Repurposed drugs show promise in Alzheimer’s combo therapy


Human-derived data leads researchers to FDA-approved compounds that reverse cell-specific gene signatures in Alzheimer’s disease.

Alzheimer’s disease continues to challenge researchers and clinicians alike – not merely for its prevalence or progressive devastation, but for its sheer biological complexity. Despite billions spent and hundreds of trials attempted, therapeutic breakthroughs remain scarce. Yet in a new study from UCSF and Gladstone Institutes, researchers propose an approach both refreshingly practical and conceptually ambitious: using human transcriptomic data to guide the repurposing of FDA-approved drugs into a potential combination therapy for Alzheimer’s.

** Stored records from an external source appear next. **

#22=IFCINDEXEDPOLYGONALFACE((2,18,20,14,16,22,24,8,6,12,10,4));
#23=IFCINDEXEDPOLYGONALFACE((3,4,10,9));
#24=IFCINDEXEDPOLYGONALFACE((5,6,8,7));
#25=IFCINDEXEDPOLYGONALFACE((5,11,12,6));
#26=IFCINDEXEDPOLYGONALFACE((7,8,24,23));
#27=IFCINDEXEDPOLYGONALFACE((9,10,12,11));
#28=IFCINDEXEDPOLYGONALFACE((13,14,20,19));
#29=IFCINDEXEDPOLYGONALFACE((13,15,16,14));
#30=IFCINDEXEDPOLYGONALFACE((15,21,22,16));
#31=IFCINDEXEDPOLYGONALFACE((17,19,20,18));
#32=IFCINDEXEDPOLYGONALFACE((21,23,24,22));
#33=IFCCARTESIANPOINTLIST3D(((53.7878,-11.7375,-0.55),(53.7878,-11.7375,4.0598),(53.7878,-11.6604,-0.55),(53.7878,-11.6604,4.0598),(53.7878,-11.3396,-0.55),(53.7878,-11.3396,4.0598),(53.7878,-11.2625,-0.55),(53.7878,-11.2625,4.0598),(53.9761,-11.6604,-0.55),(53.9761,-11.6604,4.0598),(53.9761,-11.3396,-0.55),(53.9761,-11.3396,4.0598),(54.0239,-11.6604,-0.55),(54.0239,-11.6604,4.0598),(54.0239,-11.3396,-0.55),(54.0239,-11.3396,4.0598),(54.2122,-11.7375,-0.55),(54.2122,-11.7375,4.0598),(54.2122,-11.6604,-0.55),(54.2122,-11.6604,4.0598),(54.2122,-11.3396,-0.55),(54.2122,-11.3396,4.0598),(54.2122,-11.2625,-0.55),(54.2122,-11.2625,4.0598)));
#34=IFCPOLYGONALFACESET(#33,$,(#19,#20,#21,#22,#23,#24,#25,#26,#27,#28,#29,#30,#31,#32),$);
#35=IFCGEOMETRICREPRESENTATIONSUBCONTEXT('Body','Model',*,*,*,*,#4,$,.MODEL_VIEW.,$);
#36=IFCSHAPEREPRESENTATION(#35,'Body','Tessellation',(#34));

Published in Cell, the study details how single-nucleus RNA sequencing of postmortem human brains was used to identify Alzheimer’s-associated gene expression changes in six major brain cell types. These cell-specific disease signatures were then computationally matched against the Connectivity Map (CMap), a vast database of drug-induced gene expression profiles. The aim: to identify compounds capable of reversing Alzheimer’s-linked transcriptomic changes in multiple cell types. Out of more than 1,300 drugs screened, 25 candidates emerged that met this threshold – and from these, 10 FDA-approved compounds had real-world usage records in a dataset of over one million patients [1].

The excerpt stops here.